Running a household is no easy feat. The to-do list can feel endless, from laundry to dishes to yard work. And often, it’s only the adult hands carrying the load.

According to a survey by Braun Research in 2014, 82% of grown-ups polled said they had regular chores when they were growing up, but only 28% reported asking their children to do any.

Now is the perfect time to get your kids more involved with helping around the house. And the best news: kids are never too young or old to get involved.
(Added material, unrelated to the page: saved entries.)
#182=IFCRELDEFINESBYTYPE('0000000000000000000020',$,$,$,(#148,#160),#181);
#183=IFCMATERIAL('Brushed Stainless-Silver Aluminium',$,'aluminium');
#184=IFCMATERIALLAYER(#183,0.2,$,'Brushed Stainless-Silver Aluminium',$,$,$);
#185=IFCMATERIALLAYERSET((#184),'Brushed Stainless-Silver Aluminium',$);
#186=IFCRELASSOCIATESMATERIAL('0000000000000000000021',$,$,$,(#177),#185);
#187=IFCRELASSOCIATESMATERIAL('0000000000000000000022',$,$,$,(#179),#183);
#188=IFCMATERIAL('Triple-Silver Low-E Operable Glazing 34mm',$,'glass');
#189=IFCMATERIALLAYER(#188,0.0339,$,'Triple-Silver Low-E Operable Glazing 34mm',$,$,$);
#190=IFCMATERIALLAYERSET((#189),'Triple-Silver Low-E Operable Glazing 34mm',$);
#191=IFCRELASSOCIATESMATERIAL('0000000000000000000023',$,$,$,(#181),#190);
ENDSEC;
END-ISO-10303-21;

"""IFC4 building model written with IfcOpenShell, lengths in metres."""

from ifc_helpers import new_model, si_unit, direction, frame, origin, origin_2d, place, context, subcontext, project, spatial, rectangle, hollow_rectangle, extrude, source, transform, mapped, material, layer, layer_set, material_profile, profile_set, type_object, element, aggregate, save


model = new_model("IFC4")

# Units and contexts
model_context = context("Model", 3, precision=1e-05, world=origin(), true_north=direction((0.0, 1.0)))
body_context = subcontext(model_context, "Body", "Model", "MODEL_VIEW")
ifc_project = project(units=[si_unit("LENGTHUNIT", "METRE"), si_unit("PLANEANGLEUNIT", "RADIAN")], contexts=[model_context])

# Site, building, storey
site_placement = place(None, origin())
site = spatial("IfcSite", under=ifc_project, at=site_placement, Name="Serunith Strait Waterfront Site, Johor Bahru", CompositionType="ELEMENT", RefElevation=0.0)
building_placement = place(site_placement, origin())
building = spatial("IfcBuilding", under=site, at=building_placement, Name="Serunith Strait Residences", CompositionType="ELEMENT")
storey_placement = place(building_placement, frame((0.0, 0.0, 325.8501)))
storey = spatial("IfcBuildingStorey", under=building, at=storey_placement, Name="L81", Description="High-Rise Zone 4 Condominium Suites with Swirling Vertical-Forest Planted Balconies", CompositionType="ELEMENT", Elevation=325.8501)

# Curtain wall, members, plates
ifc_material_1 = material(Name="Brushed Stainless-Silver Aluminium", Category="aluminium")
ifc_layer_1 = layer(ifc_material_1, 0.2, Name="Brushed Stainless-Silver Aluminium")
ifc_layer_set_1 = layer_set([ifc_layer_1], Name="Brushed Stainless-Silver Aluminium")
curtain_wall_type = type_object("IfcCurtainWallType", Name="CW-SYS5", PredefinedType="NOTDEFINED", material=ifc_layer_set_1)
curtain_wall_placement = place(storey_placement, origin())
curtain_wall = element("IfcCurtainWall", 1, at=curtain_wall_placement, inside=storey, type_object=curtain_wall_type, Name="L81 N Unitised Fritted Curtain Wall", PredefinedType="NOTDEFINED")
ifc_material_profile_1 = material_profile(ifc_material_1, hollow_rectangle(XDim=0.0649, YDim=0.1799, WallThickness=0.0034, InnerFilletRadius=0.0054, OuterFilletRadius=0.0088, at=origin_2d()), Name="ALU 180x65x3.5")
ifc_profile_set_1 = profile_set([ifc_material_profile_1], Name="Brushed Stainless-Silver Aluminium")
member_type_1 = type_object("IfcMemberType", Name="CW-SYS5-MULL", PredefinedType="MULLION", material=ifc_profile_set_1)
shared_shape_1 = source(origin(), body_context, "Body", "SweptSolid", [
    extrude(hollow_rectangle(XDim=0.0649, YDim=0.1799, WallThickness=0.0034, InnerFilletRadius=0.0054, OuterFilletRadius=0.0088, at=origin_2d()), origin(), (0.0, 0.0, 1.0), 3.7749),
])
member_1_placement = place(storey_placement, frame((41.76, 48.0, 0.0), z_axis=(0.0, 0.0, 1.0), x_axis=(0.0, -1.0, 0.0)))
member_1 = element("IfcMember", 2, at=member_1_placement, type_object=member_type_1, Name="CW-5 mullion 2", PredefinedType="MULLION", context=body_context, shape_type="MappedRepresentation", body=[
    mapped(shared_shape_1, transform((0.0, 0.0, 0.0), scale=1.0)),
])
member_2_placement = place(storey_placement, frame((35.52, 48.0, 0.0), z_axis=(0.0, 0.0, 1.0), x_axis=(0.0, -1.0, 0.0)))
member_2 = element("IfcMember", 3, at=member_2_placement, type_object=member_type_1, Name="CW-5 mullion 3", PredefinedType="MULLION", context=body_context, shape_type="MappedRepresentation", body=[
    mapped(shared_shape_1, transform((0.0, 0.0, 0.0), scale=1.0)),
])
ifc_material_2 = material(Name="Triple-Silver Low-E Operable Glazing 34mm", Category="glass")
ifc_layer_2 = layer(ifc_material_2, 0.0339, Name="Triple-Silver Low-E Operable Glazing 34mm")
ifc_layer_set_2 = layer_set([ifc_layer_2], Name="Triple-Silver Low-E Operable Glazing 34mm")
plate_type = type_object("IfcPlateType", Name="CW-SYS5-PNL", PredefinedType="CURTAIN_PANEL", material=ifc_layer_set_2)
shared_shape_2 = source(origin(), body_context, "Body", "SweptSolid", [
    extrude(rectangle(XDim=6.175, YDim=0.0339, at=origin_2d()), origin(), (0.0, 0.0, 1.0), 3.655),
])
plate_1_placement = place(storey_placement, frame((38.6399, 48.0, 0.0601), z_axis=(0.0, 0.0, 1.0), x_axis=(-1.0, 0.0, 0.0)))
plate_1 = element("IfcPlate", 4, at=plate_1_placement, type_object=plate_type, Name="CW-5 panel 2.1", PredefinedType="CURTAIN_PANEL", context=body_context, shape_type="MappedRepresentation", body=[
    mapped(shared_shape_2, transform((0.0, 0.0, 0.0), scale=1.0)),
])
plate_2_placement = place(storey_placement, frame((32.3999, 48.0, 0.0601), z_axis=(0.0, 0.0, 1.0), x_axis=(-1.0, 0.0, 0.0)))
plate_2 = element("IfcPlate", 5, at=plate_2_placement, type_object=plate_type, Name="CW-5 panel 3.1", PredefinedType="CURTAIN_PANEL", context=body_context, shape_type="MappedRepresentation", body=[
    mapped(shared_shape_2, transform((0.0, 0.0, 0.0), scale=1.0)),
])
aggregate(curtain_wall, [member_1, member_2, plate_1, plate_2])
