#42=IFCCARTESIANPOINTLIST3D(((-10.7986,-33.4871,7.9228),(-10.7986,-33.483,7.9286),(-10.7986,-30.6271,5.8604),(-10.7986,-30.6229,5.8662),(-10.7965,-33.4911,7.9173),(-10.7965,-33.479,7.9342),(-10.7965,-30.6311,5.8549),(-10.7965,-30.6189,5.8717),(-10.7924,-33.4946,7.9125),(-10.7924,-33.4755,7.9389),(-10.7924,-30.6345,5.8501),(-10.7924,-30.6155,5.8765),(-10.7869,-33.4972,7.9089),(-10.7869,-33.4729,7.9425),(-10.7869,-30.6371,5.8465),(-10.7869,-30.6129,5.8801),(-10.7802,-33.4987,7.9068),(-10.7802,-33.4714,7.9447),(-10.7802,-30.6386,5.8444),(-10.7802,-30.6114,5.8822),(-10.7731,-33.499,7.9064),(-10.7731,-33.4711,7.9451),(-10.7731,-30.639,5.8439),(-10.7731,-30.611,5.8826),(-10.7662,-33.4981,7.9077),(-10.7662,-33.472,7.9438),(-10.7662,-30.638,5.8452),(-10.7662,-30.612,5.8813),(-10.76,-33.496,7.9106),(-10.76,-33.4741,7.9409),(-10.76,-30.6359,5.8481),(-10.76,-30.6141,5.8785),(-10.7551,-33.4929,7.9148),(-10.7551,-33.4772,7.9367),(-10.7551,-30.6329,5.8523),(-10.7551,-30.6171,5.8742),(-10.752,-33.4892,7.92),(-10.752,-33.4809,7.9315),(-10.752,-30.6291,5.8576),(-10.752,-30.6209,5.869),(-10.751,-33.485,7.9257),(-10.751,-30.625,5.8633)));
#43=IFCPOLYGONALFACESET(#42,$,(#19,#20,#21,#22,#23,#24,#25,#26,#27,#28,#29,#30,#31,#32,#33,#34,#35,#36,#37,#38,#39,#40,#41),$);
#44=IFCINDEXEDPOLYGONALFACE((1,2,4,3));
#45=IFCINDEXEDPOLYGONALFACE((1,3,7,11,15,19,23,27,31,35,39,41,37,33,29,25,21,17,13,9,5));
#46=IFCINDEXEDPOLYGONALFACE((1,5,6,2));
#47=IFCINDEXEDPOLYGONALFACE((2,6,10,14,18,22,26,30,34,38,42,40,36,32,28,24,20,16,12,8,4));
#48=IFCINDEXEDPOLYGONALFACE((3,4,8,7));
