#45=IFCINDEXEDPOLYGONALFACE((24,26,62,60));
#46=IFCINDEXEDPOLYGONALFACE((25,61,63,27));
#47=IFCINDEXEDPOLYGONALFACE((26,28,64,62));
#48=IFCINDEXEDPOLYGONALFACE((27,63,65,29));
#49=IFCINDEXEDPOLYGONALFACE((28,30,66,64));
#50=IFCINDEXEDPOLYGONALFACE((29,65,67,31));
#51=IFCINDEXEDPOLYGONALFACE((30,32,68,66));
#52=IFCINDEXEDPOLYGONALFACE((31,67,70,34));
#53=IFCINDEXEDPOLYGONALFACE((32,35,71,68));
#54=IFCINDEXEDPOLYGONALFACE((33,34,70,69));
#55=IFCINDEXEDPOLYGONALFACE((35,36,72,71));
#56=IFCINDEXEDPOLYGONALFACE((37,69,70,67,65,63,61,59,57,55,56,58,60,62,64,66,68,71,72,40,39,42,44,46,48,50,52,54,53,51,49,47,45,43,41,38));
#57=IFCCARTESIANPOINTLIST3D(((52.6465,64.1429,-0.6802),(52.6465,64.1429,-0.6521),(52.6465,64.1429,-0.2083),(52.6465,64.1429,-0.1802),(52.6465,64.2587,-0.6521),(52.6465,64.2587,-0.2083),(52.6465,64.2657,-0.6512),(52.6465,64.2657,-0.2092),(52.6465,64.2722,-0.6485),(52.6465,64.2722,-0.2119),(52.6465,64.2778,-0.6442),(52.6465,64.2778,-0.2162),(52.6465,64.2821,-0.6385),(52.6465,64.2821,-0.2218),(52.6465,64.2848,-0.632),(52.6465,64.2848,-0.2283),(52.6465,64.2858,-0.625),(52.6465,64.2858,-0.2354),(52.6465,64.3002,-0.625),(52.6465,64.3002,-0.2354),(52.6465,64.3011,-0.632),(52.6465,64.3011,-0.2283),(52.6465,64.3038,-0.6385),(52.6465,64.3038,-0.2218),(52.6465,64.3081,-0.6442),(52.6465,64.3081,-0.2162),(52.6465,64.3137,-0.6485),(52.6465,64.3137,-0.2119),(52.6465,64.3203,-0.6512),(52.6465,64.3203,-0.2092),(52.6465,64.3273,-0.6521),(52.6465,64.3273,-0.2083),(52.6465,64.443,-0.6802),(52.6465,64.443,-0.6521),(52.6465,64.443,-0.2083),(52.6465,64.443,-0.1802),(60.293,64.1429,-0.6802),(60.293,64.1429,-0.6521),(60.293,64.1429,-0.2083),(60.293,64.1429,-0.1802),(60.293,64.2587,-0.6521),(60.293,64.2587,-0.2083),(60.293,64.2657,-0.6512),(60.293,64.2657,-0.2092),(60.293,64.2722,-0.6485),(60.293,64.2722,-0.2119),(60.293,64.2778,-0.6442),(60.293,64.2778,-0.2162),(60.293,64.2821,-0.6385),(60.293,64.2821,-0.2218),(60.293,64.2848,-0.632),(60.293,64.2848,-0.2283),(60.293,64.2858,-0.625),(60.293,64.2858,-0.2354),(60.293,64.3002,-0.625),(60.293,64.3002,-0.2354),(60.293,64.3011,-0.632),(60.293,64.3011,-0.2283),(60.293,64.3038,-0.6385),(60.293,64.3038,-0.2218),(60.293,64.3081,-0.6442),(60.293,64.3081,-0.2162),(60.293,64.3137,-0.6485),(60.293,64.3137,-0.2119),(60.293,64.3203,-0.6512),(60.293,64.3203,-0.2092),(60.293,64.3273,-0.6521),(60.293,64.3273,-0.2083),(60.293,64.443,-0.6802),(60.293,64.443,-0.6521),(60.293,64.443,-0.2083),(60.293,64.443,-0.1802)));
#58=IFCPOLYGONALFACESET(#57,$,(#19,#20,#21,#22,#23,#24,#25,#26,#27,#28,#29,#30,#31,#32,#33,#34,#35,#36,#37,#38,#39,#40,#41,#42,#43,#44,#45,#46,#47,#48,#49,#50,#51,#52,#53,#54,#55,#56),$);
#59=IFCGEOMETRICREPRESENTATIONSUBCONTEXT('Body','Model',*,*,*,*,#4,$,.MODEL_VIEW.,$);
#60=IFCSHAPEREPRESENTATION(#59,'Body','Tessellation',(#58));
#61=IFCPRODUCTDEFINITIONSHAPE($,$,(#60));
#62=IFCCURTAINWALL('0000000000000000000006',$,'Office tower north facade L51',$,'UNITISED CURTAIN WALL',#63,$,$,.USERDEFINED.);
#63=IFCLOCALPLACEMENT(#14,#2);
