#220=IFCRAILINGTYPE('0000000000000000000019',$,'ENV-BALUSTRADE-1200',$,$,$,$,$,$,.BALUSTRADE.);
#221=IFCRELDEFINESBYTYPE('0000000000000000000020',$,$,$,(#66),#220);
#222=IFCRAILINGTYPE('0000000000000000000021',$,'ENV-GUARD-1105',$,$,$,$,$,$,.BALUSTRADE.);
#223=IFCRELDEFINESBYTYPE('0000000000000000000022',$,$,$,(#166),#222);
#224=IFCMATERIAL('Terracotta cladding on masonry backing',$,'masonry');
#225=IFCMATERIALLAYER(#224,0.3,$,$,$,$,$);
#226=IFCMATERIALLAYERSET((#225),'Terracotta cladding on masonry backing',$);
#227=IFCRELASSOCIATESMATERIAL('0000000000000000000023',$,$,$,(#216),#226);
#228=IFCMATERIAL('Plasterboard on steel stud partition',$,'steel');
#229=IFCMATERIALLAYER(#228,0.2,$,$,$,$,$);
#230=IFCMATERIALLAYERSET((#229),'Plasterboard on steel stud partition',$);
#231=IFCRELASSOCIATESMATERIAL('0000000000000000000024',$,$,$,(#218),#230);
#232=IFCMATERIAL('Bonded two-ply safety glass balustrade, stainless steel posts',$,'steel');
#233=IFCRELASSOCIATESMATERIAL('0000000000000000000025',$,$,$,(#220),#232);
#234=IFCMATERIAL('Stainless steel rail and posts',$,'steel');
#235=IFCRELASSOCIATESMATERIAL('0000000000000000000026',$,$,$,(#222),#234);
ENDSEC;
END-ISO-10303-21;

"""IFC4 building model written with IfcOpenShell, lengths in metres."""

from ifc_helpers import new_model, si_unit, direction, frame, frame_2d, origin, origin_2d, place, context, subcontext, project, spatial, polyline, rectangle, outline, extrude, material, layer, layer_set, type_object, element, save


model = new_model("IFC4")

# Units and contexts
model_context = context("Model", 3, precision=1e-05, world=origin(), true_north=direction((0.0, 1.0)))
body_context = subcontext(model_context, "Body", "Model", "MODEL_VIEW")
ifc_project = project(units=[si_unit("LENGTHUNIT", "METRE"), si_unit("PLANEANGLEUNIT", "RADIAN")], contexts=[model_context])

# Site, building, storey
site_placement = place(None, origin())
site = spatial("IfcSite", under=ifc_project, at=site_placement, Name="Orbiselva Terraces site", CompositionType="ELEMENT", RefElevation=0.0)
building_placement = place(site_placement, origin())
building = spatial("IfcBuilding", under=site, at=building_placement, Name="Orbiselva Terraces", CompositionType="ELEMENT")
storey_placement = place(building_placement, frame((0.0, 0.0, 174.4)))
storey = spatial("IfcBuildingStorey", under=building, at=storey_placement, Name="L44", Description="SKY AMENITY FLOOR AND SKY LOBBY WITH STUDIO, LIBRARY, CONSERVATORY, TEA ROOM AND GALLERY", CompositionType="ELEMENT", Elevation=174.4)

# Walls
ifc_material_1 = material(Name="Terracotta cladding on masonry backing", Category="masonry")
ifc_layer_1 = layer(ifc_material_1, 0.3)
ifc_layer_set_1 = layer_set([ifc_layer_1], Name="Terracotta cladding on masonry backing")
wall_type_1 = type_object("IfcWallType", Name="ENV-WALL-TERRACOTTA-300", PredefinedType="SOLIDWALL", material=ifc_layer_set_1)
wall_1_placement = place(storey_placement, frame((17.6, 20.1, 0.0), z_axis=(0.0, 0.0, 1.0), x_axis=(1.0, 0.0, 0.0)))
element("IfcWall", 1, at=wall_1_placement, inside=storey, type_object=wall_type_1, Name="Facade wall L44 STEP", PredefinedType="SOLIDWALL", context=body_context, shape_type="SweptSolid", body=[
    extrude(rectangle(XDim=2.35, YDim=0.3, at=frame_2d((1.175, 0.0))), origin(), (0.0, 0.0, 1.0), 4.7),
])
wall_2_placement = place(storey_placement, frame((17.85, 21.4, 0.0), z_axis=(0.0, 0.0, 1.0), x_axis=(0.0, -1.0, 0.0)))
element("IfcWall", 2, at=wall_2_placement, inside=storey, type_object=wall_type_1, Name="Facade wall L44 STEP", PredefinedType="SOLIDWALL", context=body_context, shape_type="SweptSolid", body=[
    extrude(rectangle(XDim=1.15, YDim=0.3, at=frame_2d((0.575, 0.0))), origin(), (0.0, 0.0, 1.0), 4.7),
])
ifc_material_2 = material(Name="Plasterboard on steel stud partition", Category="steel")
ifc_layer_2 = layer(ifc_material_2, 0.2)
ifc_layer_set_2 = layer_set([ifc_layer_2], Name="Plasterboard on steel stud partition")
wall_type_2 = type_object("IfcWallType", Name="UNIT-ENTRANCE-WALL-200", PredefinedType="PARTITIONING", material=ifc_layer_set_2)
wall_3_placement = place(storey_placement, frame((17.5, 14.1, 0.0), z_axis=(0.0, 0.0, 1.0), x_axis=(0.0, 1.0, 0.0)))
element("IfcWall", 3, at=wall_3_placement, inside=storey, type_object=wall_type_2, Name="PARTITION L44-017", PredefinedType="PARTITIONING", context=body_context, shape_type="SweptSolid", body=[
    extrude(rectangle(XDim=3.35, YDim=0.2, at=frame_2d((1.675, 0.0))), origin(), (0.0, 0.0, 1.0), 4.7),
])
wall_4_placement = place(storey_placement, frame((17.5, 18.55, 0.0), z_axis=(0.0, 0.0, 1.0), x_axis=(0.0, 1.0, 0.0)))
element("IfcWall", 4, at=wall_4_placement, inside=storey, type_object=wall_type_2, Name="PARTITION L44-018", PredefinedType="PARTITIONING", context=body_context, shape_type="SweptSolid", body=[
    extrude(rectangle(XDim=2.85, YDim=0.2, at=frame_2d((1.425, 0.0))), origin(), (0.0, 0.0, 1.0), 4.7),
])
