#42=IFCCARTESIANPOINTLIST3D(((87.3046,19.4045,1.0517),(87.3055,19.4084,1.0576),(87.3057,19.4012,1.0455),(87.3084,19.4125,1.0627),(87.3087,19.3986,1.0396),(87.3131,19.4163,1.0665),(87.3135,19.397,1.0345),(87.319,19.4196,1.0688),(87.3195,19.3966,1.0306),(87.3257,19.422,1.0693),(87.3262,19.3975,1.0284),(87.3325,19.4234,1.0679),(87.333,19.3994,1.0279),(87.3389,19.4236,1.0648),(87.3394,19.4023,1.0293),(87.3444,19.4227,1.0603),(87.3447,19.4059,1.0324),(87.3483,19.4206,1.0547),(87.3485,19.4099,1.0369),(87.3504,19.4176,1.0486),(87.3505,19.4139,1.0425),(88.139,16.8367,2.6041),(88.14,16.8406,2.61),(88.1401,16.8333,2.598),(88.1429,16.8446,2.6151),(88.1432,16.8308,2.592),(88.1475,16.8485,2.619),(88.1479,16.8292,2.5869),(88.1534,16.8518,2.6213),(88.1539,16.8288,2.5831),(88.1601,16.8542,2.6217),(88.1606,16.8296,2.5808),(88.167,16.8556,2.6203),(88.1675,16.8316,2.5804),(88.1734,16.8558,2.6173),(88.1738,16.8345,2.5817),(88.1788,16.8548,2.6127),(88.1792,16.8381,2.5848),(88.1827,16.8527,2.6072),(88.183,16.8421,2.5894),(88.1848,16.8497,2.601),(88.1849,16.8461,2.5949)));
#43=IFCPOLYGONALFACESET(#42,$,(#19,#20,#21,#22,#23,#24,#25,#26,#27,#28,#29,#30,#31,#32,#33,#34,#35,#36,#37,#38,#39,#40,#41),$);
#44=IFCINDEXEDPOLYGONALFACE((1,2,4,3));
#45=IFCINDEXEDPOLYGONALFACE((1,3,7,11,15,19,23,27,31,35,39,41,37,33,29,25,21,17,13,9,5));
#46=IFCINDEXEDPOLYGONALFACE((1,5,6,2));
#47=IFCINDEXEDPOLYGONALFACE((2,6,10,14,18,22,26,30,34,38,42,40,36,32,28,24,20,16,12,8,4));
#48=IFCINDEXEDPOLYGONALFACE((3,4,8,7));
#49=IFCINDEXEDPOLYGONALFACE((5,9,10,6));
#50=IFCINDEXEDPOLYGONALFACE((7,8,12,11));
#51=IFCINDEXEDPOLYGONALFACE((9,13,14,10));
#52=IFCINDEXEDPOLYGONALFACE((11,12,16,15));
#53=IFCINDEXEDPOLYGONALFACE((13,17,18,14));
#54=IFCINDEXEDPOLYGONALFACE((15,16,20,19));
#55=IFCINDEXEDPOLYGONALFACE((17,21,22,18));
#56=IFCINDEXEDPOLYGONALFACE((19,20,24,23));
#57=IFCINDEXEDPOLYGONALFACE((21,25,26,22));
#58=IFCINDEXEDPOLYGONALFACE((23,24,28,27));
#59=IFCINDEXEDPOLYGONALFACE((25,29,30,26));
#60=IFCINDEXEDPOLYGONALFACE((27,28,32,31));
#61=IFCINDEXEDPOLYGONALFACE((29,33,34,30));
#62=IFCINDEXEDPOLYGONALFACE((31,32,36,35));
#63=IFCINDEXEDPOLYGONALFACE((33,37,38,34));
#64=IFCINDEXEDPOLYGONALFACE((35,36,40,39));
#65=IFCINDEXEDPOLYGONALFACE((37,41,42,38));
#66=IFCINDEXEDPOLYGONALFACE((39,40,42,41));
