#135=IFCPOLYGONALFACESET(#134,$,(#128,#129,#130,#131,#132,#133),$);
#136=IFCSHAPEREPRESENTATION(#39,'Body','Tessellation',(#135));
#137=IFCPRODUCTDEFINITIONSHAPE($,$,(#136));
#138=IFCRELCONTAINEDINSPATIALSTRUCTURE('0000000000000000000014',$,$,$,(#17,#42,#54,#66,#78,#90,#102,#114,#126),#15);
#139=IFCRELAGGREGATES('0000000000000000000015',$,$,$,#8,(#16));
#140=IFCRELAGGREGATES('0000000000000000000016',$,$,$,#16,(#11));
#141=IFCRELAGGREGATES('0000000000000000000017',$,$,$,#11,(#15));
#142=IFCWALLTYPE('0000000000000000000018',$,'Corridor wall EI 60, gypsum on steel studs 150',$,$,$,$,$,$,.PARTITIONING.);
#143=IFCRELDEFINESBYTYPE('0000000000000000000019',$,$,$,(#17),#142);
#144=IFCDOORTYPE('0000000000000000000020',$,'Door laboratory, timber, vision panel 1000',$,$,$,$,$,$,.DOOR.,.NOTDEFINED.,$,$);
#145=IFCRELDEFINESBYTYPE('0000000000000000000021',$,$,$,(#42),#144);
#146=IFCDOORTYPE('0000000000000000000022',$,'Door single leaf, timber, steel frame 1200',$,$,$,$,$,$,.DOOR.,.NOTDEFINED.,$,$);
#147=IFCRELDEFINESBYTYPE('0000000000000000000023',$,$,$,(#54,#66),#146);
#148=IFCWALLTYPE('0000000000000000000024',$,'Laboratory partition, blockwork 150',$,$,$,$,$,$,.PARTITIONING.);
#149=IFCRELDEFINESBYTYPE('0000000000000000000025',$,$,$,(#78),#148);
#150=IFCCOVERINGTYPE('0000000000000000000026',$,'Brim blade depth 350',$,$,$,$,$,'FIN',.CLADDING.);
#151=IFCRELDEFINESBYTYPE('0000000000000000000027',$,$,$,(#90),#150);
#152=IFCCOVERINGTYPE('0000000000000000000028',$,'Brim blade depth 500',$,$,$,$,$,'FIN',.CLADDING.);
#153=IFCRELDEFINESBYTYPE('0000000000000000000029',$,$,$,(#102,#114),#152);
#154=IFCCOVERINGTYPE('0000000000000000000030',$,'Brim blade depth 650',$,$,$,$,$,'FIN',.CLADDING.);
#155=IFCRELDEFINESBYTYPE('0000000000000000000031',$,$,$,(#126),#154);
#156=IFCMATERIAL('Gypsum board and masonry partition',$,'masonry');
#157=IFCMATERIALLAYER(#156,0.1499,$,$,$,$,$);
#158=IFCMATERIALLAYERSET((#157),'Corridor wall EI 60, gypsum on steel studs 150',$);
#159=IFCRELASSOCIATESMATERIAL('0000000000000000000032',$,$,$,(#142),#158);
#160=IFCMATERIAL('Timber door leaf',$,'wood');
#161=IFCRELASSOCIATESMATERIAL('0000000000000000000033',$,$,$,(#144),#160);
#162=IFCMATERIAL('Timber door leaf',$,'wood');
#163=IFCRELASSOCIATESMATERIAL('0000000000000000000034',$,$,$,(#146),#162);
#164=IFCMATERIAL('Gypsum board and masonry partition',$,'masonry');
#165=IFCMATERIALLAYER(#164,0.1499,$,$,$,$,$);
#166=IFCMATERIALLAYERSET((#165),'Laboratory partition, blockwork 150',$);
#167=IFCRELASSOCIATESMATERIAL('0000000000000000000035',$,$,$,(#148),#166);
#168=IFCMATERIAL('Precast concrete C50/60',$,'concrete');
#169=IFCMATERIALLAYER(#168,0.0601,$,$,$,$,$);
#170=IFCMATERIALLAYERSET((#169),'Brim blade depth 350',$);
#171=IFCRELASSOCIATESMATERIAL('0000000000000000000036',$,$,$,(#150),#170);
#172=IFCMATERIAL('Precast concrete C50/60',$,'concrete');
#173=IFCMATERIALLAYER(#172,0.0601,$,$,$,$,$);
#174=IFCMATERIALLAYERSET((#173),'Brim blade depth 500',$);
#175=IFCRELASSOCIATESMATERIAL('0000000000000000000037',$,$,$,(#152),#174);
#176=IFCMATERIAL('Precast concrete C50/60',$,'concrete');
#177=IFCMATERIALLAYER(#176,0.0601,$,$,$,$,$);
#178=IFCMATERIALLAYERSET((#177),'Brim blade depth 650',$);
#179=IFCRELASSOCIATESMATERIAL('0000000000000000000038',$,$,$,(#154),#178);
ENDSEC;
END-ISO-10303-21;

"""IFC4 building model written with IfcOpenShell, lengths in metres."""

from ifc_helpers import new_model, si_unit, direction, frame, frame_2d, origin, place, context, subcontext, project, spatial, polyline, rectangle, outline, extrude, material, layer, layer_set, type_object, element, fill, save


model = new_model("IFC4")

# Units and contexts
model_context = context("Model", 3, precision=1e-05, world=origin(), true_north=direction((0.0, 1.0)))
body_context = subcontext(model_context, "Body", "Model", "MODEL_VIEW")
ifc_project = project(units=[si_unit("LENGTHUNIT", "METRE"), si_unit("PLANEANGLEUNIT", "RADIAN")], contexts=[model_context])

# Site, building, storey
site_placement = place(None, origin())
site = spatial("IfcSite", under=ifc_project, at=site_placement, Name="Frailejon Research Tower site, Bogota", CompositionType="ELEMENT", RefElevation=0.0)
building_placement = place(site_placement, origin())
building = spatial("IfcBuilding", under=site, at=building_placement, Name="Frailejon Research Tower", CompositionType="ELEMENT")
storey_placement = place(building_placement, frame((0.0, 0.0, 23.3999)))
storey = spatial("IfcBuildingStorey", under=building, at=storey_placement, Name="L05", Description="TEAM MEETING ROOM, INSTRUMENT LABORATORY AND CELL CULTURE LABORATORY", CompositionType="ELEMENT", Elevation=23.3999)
Here are some age-appropriate chore suggestions for each age group courtesy of Jessica Lahey, author of “The Gift of Failure: How the Best Parents Learn to Let Go So Their Children Can Succeed.

Toddlers, up to 3

  • Put their dirty clothes in a basket or hamper.
  • Dress themselves with clothing that’s not too complicated.
  • Put their clothes away in drawers.
  • Throw trash and recycling away in the proper place.
  • Put toys away in tubs and baskets when they are done playing with them.
  • Feed the dog or cat.

Preschoolers, ages 3-5

  • Make their bed.
  • Straighten their room.
  • Sort and categorize items, such as utensils in a drawer or socks in the laundry.
  • Water plants.
  • Clear their place at the table.
  • Prepare their own snacks.

School-age kids, ages 6-11

  • Peeling and chopping vegetables (teach knife safety).
  • Laundry—all of it, from sorting to putting it away.
  • Replacing the toilet paper when it’s gone.
  • Setting and clearing the table.
  • Outdoor work such as raking leaves, weeding and hauling wood.
  • Vacuuming and mopping floors.
  • Helping to plan and prepare grocery lists and meals.

Ages 12 and up

  • Not many household tasks are beyond their abilities.
  • Household repairs, such as painting, replacing light bulbs, and simple car maintenance.
  • Grocery shopping.
  • Planning and preparing more complicated meals.
  • Caring for and teaching younger siblings about their role in the household responsibilities.
  • Cleaning out the refrigerator.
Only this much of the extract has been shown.